DeSantis’ rise was predicated on his alleged refusal to order lockdowns and his defiance against vaccine mandates. But he’s gone full-blown anti-vaxx since then. As recently as December he requested that the Supreme Court of Florida empanel a grand jury investigation “to investigate crimes and wrongdoing committed against Floridians related to the Covid-19 vaccine.” That’s right — “crimes and wrongdoing.”
And his campaign has hit Trump hard for the one thing he did right in his COVID response which was to sign off on operation Warp Speed to develop the vaccines as quickly as possible. Ironically, Trump isn’t allowed to take credit for that accomplishment because his followers are anti-vaxx so he’s had to allow DeSantis to attack him for it. The good news for Trump is that nobody cares.
The rest of the country should care, however. Both of these men are world class phonies when it comes to their leadership during the pandemic. They each claim they were heroes for forcing businesses to open up when the truth is they were never really closed down. It’s only in the fevered minds of those intent upon seeing the pandemic as some kind of political act, that any of the mitigation efforts were draconian assaults on our individual freedoms.

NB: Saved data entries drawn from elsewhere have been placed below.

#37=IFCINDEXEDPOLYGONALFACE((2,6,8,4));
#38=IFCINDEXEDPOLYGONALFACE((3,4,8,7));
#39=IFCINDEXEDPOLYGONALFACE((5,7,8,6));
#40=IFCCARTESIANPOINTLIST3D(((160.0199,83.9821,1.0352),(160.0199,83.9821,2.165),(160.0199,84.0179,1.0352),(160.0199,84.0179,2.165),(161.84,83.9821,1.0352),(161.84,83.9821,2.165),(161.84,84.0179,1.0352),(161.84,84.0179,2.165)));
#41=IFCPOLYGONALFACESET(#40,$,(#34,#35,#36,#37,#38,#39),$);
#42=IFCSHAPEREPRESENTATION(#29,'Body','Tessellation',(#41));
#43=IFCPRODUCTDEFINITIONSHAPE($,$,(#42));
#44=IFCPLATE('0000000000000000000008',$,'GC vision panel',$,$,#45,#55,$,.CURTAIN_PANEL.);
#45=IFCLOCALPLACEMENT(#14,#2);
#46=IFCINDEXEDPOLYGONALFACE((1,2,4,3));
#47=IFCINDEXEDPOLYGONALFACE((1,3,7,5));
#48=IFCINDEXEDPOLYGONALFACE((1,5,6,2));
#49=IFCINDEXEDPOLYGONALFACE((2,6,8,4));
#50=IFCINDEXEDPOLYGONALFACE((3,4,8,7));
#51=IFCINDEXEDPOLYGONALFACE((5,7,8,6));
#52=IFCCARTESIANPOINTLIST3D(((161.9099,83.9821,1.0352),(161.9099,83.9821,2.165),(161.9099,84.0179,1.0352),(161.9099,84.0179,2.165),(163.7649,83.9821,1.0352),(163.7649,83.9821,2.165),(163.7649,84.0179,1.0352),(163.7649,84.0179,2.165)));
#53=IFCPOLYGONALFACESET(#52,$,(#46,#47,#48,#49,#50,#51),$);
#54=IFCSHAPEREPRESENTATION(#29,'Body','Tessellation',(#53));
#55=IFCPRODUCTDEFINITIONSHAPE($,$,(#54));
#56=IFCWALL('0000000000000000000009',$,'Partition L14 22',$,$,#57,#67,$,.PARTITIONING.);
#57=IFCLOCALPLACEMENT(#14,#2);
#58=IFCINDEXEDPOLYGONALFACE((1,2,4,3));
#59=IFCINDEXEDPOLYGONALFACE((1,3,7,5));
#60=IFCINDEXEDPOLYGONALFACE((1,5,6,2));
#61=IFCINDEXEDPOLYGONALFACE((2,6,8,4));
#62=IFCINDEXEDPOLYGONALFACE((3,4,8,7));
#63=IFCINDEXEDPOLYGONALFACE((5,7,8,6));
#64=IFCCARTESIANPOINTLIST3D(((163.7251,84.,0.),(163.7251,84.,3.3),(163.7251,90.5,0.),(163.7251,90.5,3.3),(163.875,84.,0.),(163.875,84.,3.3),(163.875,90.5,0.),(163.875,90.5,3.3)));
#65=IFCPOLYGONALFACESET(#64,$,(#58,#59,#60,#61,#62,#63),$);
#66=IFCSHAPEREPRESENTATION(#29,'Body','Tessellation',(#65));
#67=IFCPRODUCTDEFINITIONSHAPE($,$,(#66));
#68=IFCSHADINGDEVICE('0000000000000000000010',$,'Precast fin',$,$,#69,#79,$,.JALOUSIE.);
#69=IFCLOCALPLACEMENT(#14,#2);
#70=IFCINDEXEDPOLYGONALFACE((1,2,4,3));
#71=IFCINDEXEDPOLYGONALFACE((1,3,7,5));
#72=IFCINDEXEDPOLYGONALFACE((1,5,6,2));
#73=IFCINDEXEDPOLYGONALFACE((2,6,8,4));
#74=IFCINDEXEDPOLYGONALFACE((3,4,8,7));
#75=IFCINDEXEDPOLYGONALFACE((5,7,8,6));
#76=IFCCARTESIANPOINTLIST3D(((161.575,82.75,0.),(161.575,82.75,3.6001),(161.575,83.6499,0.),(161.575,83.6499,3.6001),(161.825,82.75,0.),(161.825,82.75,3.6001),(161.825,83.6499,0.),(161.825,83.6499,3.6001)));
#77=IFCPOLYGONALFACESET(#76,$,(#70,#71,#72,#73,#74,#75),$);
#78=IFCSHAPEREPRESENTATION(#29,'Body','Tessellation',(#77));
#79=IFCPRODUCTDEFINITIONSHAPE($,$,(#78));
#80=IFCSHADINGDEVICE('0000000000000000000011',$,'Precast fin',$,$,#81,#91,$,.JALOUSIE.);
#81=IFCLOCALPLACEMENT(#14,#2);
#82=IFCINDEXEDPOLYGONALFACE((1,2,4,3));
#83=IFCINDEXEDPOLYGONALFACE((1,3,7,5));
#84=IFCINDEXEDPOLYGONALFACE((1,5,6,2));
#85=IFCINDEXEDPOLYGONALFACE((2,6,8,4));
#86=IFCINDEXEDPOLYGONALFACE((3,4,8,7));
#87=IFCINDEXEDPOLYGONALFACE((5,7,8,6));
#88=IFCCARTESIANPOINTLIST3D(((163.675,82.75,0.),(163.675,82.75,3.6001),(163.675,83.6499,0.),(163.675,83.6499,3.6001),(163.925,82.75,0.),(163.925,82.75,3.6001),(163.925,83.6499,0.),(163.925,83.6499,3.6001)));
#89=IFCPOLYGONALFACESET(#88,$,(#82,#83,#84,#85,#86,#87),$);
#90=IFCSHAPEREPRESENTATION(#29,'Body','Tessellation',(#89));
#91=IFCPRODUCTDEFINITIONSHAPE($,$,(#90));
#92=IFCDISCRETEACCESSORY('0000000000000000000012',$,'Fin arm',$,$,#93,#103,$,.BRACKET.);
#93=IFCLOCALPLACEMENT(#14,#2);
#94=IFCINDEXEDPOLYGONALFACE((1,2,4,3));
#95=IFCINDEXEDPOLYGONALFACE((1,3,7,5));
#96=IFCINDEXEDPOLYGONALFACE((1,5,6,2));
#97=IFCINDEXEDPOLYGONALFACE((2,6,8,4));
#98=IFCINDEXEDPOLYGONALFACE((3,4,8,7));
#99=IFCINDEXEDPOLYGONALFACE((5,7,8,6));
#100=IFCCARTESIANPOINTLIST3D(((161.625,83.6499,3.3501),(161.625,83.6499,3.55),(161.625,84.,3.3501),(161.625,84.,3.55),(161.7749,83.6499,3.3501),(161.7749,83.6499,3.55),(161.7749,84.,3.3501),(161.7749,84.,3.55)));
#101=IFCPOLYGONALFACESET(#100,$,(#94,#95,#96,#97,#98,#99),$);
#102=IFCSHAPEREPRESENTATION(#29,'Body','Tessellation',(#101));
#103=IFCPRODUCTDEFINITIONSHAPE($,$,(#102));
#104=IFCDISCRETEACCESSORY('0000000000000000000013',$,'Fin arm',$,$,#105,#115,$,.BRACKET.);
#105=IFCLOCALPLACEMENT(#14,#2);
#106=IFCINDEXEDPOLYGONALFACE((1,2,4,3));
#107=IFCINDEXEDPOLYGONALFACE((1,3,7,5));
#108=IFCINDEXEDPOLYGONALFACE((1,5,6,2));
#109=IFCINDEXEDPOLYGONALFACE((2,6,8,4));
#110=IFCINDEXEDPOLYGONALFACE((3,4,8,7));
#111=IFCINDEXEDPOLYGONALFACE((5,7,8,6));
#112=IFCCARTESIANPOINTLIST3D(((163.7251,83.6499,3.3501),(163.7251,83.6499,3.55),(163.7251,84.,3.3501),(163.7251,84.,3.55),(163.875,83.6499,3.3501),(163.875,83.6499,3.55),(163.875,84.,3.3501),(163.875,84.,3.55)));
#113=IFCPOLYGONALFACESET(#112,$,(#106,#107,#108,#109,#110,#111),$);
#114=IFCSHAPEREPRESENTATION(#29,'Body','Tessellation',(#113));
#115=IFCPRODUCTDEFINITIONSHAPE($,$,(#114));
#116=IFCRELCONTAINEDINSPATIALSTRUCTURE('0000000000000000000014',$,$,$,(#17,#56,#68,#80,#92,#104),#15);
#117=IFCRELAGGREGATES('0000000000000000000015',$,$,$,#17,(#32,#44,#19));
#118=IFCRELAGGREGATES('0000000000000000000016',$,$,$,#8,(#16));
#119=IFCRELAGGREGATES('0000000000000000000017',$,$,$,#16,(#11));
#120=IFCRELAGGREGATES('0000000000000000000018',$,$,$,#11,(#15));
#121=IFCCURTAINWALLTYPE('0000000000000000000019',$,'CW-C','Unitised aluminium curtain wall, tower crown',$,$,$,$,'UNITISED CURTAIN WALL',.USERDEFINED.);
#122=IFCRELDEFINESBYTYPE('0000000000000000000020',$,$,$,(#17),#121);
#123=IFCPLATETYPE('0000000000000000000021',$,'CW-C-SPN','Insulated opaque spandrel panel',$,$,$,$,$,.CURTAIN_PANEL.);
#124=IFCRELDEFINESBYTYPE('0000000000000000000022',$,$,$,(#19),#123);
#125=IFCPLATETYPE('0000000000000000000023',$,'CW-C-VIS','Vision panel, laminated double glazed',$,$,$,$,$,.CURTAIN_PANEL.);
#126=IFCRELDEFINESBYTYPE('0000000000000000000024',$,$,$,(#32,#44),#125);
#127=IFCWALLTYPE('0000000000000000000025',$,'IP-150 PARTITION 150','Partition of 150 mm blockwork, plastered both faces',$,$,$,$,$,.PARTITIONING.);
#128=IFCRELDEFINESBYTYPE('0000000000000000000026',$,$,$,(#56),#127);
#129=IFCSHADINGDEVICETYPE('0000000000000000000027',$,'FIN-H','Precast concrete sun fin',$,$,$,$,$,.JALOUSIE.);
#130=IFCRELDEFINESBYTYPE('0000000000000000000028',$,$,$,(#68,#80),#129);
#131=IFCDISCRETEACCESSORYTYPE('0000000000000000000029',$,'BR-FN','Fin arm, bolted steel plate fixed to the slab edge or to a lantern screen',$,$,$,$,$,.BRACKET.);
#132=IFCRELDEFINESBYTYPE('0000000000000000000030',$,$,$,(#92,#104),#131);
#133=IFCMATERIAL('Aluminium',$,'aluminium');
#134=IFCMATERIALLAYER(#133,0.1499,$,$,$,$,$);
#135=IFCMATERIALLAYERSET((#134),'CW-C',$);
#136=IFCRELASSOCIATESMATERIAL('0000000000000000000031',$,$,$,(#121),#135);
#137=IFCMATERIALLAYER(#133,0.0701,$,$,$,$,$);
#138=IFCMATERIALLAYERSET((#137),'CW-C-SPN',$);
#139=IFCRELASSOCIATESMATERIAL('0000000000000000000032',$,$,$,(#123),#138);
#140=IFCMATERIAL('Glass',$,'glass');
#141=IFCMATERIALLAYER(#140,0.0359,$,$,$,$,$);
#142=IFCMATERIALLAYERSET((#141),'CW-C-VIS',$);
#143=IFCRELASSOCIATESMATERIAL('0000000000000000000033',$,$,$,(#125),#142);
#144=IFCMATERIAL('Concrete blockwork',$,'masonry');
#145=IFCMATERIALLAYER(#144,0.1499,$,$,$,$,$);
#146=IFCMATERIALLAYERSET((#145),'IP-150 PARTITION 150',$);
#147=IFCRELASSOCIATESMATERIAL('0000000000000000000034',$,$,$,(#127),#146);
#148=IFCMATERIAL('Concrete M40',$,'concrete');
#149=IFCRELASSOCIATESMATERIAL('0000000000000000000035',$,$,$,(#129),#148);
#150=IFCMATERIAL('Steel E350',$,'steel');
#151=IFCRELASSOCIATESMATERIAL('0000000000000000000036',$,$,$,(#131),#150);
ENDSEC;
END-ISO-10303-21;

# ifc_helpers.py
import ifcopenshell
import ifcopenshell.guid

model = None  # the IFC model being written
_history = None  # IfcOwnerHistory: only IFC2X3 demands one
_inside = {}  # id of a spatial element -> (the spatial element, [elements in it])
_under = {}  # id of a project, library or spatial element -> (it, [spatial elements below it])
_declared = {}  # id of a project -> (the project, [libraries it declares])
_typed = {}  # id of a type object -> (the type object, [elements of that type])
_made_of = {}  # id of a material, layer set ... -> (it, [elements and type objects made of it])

MSNBC’s Ari Melber hosted a special recently revisiting Trump’s COVID response based upon his taped interviews with Bob Woodward, who released them with a book called “The Trump Tapes.” Listening to the excerpts of the interviews it became clear once again just how irresponsible and reckless Trump was in his handling of the crisis. It was all about how it was affecting his re-election campaign. In an echo of his refusing to concede the election despite all the legitimate legal election experts telling him that he’d lost, he also ignored all the science and medical experts who informed that COVID was going to kill vast numbers of people unless he mustered a rapid federal response. Trump just refuses to listen to anyone or hear anything he doesn’t want to hear.
Perhaps the most telling moment of the tapes is when Woodward asks him if he considered the crisis his greatest test of leadership and he instantly replied, “no!” He was wrong. It was. And he failed.
Likewise Ron Desantis’ vaunted response was also a miserable failure. The NY Times analyzed the data on his state’s results and they are not good. DeSantis pushed for vaccinations for people 65 and older early on but started going the other way once they were approved for younger people and then instituted a crusade against mandates for health workers and cruise ship employees effectively undermining the accepted public health approach to a pandemic. Florida ended up with many fewer vaccinated people when the big Delta wave hit and the consequences were severe:
Floridians died at a higher rate, adjusted for age, than residents of almost any other state during the Delta wave, according to the Times analysis. With less than 7 percent of the nation’s population, Florida accounted for 14 percent of deaths between the start of July and the end of October.
He too was planning for his presidential campaign and wanted to be on the side of the emerging anti-vaxx sentiments on the right, no matter how many people had to die.
Both of these men were serving as executive leaders during a time of great crisis and peril. And they both cravenly and cynically put their political ambitions ahead of their duty to protect American citizens. Whatever promises they make about the future we already know who they are and what they will do as leaders. They failed their test and disqualified themselves for high office ever in the future.